3.3. Distance-based methods

3.3.1. k-nearest Neighbors (k-NN) classification

The k-NN algorithm is a nonparametric method used for classification and regression [102]. In both cases, the input consists of the k closest training examples in the data set. The output depends on whether the k-NN model is used for classification or regression. In k-NN classification, the output is class membership. An object is classified by a plurality vote of its neighbors, and assigned to the most common class of its k nearest neighbors (k is typically a small positive integer). If k = 1, then the object is simply assigned to the class of the single nearest neighbor.

WoLF PSORT [103] converts protein amino acid sequences into numerical localization features such as targeting signals, amino acid composition, and functional motifs. After conversion, a k-NN classifier is used for prediction. An idea similar to k-NN is used in [104], where a physical interaction network was obtained from BioGRID [73], and GO Cellular Component annotation was mapped onto the network, if available, for the corresponding protein (node). For a query protein, the percentage of its interactors associated with each target localization is calculated. The top two localizations are then reported as the prediction.

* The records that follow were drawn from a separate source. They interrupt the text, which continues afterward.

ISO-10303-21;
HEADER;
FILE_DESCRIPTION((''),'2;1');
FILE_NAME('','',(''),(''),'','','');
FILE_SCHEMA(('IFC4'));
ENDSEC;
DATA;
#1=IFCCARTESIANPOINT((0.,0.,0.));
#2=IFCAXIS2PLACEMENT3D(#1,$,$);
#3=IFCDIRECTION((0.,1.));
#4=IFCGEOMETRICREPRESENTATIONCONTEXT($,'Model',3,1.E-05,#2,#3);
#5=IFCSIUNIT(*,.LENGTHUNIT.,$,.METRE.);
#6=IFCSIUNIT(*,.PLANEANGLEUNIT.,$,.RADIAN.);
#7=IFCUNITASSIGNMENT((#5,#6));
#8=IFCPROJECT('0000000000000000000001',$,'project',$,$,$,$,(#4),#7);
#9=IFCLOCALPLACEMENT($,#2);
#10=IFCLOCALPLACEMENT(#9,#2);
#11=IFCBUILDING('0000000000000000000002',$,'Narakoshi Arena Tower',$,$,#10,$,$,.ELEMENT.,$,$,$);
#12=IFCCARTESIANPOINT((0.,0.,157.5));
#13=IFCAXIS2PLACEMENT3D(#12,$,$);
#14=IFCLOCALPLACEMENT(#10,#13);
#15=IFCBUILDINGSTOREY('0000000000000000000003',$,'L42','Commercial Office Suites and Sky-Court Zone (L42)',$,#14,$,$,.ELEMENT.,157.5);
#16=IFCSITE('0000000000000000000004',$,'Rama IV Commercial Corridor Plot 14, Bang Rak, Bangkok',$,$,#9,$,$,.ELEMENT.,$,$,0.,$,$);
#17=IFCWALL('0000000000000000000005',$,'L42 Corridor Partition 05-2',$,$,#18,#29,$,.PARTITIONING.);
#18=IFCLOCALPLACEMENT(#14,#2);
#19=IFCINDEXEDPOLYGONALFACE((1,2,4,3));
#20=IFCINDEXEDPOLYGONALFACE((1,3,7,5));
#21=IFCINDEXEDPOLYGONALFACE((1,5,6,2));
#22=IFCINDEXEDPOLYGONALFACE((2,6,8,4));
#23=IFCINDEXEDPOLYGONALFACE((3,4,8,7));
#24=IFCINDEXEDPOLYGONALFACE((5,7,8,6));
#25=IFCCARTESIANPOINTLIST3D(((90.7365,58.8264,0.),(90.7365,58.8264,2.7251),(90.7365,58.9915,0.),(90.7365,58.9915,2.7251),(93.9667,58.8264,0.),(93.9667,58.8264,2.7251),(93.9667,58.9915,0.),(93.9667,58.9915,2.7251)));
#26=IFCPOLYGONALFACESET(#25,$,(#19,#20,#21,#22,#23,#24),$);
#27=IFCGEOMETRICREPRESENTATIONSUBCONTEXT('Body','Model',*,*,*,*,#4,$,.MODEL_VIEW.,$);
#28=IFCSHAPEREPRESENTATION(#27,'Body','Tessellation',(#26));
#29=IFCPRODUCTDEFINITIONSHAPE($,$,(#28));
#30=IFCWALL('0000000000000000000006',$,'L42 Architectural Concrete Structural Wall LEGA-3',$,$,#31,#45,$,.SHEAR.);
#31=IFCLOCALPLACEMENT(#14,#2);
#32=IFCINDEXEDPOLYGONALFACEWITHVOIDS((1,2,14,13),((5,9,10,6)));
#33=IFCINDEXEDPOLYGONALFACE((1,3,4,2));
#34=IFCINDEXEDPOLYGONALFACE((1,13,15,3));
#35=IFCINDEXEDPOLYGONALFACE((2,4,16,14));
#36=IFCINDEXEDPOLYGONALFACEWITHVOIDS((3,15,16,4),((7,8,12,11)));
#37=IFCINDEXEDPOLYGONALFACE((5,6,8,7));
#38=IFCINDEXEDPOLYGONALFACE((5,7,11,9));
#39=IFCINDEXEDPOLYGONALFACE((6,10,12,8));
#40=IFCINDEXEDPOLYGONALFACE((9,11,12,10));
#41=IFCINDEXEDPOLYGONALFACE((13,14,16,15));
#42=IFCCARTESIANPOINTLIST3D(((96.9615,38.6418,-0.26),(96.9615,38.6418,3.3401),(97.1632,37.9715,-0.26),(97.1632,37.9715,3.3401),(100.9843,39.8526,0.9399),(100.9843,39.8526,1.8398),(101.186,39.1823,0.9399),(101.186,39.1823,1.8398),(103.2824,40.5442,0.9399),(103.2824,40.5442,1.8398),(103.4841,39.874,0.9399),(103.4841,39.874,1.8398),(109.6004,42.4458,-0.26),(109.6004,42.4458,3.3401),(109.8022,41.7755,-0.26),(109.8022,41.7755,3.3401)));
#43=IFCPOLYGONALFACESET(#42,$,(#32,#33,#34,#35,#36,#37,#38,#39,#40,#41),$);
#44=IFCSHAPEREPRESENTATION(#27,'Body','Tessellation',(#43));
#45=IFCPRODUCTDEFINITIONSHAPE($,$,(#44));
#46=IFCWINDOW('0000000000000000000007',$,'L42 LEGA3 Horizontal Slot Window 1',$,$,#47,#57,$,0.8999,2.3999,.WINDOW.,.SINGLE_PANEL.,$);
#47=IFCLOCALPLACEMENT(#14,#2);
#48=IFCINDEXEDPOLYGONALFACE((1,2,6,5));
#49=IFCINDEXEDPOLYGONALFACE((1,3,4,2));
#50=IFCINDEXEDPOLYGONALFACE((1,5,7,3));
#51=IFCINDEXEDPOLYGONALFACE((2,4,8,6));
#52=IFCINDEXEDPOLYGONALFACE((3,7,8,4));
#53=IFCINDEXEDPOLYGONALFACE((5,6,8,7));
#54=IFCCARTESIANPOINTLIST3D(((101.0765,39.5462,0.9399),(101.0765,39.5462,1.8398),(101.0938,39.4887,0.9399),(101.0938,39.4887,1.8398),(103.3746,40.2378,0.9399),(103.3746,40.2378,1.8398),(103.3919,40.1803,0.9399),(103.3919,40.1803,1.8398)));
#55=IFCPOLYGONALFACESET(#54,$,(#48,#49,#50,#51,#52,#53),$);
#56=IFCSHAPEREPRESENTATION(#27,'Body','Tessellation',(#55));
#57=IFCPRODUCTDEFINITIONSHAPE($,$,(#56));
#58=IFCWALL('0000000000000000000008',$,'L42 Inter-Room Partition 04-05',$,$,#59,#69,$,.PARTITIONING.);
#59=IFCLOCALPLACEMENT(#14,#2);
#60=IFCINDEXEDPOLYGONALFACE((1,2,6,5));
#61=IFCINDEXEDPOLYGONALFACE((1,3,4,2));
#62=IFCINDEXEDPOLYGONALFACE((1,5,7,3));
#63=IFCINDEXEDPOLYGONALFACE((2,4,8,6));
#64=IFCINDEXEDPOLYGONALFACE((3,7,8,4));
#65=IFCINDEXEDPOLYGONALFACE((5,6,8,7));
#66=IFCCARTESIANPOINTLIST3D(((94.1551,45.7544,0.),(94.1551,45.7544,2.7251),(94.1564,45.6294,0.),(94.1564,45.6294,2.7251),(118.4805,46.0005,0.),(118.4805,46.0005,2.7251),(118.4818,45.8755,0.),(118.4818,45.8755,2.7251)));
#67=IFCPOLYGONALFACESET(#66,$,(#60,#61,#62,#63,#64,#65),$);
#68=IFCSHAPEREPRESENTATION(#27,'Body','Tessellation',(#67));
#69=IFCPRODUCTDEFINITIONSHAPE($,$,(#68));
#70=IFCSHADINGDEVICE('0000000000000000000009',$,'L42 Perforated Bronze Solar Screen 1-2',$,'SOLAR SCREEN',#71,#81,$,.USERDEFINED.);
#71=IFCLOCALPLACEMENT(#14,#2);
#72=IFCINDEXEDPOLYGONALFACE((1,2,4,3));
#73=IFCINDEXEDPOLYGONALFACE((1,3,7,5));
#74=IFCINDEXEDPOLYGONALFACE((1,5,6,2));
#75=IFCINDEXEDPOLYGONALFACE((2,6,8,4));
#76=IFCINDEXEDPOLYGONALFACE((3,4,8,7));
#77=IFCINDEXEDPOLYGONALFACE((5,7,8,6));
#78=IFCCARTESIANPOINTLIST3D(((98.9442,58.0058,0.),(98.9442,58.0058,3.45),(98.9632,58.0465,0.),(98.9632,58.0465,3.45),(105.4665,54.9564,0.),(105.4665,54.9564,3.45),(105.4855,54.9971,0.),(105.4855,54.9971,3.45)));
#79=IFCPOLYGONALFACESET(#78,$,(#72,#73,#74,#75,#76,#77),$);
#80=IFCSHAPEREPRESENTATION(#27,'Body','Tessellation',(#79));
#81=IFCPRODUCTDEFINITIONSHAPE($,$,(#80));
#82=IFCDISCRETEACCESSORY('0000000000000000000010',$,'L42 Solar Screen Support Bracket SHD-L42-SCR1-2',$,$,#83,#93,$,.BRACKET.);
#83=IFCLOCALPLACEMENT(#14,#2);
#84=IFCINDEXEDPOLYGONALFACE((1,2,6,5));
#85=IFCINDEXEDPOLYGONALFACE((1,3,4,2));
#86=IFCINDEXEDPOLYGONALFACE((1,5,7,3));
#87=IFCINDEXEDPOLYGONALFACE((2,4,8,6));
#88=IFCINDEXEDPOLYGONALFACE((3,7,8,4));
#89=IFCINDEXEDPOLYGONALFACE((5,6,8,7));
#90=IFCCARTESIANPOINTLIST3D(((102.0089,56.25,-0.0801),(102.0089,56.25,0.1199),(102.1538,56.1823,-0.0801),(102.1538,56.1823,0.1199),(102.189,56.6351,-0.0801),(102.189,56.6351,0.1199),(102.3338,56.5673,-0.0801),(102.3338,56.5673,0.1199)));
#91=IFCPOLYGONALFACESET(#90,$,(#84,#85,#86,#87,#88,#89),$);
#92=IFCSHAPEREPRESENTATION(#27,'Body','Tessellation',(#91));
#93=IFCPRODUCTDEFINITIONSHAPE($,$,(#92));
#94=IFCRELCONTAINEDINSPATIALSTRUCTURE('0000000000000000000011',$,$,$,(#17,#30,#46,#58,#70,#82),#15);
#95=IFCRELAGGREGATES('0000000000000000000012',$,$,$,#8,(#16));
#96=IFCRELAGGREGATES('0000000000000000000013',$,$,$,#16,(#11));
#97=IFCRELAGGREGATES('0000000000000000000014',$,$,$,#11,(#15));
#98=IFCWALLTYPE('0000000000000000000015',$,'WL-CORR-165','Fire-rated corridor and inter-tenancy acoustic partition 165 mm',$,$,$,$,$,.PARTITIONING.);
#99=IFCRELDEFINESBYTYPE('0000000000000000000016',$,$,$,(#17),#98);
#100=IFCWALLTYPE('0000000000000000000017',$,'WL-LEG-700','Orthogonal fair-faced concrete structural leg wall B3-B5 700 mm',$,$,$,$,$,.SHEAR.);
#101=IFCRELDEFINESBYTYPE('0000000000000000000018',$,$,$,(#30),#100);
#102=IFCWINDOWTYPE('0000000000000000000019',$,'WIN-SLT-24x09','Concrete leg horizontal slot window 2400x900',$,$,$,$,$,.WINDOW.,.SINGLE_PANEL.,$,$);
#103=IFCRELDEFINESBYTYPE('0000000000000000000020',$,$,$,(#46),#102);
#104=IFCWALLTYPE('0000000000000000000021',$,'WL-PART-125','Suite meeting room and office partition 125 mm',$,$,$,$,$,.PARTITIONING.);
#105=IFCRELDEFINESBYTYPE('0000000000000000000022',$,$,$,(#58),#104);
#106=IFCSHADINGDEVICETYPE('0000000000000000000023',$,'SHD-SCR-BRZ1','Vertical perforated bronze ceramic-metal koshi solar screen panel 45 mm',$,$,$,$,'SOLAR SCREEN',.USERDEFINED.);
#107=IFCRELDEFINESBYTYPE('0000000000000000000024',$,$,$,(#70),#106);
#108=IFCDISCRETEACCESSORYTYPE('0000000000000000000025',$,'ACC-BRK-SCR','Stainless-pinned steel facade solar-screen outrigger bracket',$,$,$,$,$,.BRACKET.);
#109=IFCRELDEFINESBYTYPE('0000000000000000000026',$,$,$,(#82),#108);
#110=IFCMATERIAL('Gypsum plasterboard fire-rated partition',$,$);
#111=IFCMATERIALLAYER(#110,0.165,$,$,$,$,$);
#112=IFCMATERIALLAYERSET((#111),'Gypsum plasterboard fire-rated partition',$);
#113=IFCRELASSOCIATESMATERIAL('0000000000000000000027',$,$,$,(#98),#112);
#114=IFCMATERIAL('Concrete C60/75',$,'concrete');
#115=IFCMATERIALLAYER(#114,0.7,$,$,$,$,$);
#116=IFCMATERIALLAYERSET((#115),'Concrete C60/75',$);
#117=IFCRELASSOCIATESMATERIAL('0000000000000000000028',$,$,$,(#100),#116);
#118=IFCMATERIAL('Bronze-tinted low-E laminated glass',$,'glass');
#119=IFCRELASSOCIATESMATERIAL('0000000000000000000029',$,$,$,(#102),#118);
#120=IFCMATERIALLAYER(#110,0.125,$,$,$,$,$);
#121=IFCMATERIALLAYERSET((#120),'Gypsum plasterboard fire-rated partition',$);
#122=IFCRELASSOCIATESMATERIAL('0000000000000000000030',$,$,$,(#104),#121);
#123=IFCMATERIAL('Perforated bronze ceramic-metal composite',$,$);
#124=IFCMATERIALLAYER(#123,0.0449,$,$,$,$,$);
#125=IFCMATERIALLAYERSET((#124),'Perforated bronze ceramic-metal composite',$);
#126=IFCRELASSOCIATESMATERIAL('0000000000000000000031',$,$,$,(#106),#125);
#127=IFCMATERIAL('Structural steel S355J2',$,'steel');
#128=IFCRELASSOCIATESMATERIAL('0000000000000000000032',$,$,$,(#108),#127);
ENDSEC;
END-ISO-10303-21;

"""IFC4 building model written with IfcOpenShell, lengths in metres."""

from ifc_helpers import new_model, si_unit, direction, frame, frame_2d, origin, origin_2d, place, context, subcontext, project, spatial, rectangle, extrude, material, layer, layer_set, type_object, element, fill, save


model = new_model("IFC4")

# Units and contexts
model_context = context("Model", 3, precision=1e-05, world=origin(), true_north=direction((0.0, 1.0)))
body_context = subcontext(model_context, "Body", "Model", "MODEL_VIEW")
ifc_project = project(units=[si_unit("LENGTHUNIT", "METRE"), si_unit("PLANEANGLEUNIT", "RADIAN")], contexts=[model_context])

# Site, building, storey
site_placement = place(None, origin())
site = spatial("IfcSite", under=ifc_project, at=site_placement, Name="Rama IV Commercial Corridor Plot 14, Bang Rak, Bangkok", CompositionType="ELEMENT", RefElevation=0.0)
building_placement = place(site_placement, origin())
building = spatial("IfcBuilding", under=site, at=building_placement, Name="Narakoshi Arena Tower", CompositionType="ELEMENT")
storey_placement = place(building_placement, frame((0.0, 0.0, 157.5)))
storey = spatial("IfcBuildingStorey", under=building, at=storey_placement, Name="L42", Description="Commercial Office Suites and Sky-Court Zone (L42)", CompositionType="ELEMENT", Elevation=157.5)

# Shared definitions
ifc_material_1 = material(Name="Concrete C60/75", Category="concrete")

# Shared definitions
ifc_material_2 = material(Name="Structural steel S355J2", Category="steel")

# Shared definitions
ifc_material_3 = material(Name="Bronze-tinted low-E laminated glass", Category="glass")

# Shared definitions
ifc_material_4 = material(Name="Gypsum plasterboard fire-rated partition")
ifc_layer_1 = layer(ifc_material_4, 0.165)
ifc_layer_set_1 = layer_set([ifc_layer_1], Name="Gypsum plasterboard fire-rated partition")
wall_type_1 = type_object("IfcWallType", Name="WL-CORR-165", Description="Fire-rated corridor and inter-tenancy acoustic partition 165 mm", PredefinedType="PARTITIONING", material=ifc_layer_set_1)

# Wall
wall_1_placement = place(storey_placement, frame((93.9668, 58.9089, 0.0), z_axis=(0.0, 0.0, 1.0), x_axis=(-1.0, 0.0, 0.0)))
element("IfcWall", 1, at=wall_1_placement, inside=storey, type_object=wall_type_1, Name="L42 Corridor Partition 05-2", PredefinedType="PARTITIONING", context=body_context, shape_type="SweptSolid", body=[
    extrude(rectangle(XDim=3.2302, YDim=0.165, at=frame_2d((1.6152, 0.0))), origin(), (0.0, 0.0, 1.0), 2.7251),
])

# Wall, opening, window
ifc_layer_2 = layer(ifc_material_1, 0.7)
ifc_layer_set_2 = layer_set([ifc_layer_2], Name="Concrete C60/75")
wall_type_2 = type_object("IfcWallType", Name="WL-LEG-700", Description="Orthogonal fair-faced concrete structural leg wall B3-B5 700 mm", PredefinedType="SHEAR", material=ifc_layer_set_2)
wall_2_placement = place(storey_placement, frame((97.0623, 38.3066, -0.26), z_axis=(0.0, 0.0, 1.0), x_axis=(0.95757, 0.288201, 0.0)))
wall_2 = element("IfcWall", 2, at=wall_2_placement, inside=storey, type_object=wall_type_2, Name="L42 Architectural Concrete Structural Wall LEGA-3", PredefinedType="SHEAR", context=body_context, shape_type="SweptSolid", body=[
    extrude(rectangle(XDim=13.199, YDim=0.7, at=frame_2d((6.5996, 0.0))), origin(), (0.0, 0.0, 1.0), 3.6001),
])
opening_1_placement = place(wall_2_placement, frame((4.2012, 0.0, 1.2)))
opening_1 = element("IfcOpeningElement", 3, at=opening_1_placement, cuts=wall_2, PredefinedType="OPENING", context=body_context, shape_type="SweptSolid", body=[
    extrude(rectangle(XDim=2.3999, YDim=0.8999, at=frame_2d((1.2, 0.45))), frame((0.0, 0.3599, 0.0), z_axis=(0.0, -1.0, 0.0), x_axis=(1.0, 0.0, 0.0)), (0.0, 0.0, 1.0), 0.72),
])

3.3.2. Covariant discriminant algorithm based on Mahalanobis distance

The Mahalanobis distance [105] is a measure of the distance between a point P and a distribution D. It is essentially a multidimensional generalization to measure how many standard deviations away P is from the mean of D. This distance is zero if P is at the mean of D and grows as P moves away from the mean along each principal component axis. If each of these axes is re-scaled to have unit variance, then the Mahalanobis distance corresponds to the standard Euclidean distance in the transformed space. The Mahalanobis distance is thus unitless and scale-invariant and takes the correlations in a data set into account.

The Mahalanobis distance of an observation $\overrightarrow{x}={(x_1,x_2,x_3,\cdots ,x_N)}^T$ from a set of observations with mean $\overrightarrow{\mu }={({\mu }_1,{\mu }_2,{\mu }_3,\cdots ,{\mu }_N)}^T$ and covariance matrix S is defined as:

$$D_M\left(\overrightarrow{x}\right)=\sqrt{{\left(\overrightarrow{x}-\overrightarrow{\mu }\right)}^T{S}^{-1}(\overrightarrow{x}-\overrightarrow{\mu })}$$ (10)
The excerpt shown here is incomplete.